# Crysis Remastered: NVIDIA’s VKRay Vulkan extension



## ZockerCompanion (18. September 2020)

Hi,

ich könnte etwas Hilfe gebrauchen.
Laut Webseite (https://www.crytek.com/news/crysis-remastered-out-now-for-pc-playstation-4-and-xbox-one) soll Crysis Remastered auf dem PC zum Launch NVIDIA's VKRay Vulkan Extension unterstützen für Hardware-Raytracing (DLSS zum späteren Zeitpunkt).
Da ich eine RTX Karte habe, möchte ich natürlich gerne diesen Vorteil nutzen (und nicht das Software-Raytracing).
Aber ich kann nirgendswo in den Optionen was finden, wo ich das einstellen kann.
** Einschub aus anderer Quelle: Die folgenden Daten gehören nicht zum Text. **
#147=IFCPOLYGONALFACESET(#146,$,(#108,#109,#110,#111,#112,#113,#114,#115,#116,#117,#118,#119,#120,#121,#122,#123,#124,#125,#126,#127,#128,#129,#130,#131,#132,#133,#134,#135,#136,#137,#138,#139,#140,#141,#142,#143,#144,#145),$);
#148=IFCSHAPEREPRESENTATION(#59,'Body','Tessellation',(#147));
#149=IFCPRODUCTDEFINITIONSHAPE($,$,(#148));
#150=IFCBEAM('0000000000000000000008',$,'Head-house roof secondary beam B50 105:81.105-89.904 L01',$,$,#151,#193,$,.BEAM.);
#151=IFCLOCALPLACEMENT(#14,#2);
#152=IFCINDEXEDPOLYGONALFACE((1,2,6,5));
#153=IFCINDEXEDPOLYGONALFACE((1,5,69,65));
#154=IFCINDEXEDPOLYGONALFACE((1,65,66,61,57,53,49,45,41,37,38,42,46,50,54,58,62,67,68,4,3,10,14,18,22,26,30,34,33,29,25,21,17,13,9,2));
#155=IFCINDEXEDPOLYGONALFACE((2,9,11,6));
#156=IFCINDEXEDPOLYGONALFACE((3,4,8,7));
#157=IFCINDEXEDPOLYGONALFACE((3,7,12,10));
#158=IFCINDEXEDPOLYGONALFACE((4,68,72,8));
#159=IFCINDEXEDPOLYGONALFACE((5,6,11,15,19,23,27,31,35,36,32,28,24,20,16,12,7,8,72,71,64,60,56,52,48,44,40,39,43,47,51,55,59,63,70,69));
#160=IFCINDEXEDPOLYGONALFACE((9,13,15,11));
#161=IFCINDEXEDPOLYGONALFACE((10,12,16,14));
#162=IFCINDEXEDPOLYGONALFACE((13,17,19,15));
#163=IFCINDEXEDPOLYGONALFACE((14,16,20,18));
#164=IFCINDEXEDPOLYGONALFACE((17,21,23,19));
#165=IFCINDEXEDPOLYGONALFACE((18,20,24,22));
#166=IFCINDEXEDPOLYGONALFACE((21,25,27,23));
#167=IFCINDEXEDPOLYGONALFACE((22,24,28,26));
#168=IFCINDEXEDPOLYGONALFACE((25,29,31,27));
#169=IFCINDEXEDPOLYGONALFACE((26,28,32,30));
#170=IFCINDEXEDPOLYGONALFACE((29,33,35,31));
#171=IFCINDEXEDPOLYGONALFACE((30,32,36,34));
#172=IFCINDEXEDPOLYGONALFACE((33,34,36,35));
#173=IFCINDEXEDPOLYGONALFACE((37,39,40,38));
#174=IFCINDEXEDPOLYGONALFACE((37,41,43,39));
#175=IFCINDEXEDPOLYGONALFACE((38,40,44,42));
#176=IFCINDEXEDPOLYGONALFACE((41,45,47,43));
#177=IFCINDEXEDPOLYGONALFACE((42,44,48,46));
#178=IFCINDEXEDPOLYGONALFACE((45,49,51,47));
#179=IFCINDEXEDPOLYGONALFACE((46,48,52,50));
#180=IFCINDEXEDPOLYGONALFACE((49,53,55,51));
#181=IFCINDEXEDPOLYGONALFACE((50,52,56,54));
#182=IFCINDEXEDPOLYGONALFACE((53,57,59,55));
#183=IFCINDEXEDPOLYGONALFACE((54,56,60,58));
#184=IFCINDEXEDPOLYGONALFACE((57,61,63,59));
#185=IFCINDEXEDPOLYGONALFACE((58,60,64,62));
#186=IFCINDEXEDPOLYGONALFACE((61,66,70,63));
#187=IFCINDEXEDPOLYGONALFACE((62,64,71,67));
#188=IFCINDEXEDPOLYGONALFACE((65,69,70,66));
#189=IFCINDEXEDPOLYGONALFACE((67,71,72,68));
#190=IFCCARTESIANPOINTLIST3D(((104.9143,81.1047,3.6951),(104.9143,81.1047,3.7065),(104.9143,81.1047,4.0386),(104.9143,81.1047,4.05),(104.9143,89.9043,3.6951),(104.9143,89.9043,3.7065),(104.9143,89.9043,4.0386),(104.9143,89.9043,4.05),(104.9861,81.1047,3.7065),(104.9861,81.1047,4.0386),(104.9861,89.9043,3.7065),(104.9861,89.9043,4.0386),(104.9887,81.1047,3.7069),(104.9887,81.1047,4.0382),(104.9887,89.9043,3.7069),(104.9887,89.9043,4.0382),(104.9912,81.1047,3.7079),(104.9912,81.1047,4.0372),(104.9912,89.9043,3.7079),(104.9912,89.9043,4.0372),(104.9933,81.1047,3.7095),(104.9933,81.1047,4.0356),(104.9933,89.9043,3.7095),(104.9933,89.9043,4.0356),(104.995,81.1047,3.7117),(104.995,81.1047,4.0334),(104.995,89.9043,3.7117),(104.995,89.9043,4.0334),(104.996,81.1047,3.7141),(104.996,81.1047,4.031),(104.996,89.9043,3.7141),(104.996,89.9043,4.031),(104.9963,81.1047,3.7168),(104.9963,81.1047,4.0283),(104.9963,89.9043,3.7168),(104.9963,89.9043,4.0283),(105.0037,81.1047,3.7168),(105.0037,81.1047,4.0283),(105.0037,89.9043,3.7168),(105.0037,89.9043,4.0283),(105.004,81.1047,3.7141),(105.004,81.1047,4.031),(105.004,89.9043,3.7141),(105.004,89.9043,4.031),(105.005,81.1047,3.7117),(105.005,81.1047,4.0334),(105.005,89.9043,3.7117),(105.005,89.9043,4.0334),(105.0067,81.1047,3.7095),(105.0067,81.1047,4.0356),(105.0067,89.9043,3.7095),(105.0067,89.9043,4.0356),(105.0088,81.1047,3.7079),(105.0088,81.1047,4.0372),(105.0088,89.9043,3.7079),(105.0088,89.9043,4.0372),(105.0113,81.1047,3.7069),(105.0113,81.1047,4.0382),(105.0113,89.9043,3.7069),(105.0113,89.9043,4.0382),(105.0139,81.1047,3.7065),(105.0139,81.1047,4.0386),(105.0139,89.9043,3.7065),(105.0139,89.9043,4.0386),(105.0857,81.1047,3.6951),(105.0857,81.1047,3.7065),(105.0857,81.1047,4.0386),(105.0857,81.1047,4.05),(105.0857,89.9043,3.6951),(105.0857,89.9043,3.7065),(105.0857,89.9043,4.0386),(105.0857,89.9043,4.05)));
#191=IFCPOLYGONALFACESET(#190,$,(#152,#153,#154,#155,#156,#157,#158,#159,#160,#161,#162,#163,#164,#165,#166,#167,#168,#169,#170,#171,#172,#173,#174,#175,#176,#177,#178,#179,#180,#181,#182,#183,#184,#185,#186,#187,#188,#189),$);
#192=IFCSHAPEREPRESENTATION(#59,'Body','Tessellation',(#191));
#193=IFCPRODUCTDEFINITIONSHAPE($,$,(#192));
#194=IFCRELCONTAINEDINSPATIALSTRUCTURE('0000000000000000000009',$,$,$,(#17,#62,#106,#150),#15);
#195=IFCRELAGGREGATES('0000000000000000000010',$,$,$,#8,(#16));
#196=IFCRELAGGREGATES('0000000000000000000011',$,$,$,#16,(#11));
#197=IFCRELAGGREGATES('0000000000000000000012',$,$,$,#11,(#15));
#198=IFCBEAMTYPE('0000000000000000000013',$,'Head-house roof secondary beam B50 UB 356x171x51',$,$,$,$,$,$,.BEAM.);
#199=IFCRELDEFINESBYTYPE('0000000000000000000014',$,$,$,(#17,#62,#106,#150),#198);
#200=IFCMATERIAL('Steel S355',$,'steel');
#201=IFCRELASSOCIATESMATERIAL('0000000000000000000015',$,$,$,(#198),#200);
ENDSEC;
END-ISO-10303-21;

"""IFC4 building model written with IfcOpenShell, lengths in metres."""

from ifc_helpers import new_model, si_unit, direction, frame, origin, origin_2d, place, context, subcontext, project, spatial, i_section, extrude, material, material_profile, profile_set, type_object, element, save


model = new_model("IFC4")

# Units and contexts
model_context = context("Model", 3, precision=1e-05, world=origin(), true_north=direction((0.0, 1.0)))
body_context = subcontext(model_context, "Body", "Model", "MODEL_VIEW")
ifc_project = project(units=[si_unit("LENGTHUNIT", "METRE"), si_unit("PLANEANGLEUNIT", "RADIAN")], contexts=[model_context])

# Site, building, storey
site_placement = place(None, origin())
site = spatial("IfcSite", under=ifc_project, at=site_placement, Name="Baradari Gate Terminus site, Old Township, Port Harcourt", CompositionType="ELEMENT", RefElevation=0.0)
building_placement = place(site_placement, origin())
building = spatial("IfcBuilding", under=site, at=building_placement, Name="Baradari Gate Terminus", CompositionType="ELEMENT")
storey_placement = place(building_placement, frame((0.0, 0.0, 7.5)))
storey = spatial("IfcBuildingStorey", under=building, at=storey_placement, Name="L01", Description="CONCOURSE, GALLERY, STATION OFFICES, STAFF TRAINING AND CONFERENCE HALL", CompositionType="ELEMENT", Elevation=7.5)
Hab ich den Satz missverstanden und es ist noch nicht draußen? Muss ich noch was extra Runterladen? Oder bin ich einfach zu Blöd um die Option zu finden 

Schon mal vielen Dank für die Mühe 


Btw. NVIDIA RTX 2060 mit aktuellem Treiber ( 456.38 )

Zitat von der Webseite: Additionally, Crysis Remastered supports hardware-based ray tracing using NVIDIA’s VKRay Vulkan extension *on launch* and NVIDIA® DLSS technology will be added soon, for NVIDIA® GeForce® RTX GPU.


Edit: Ah, das Spiel soll automatisch erkennen, wenn eine RTX Grafikkarte verbaut ist und Raytracing dann darüber laufen lassen.


----------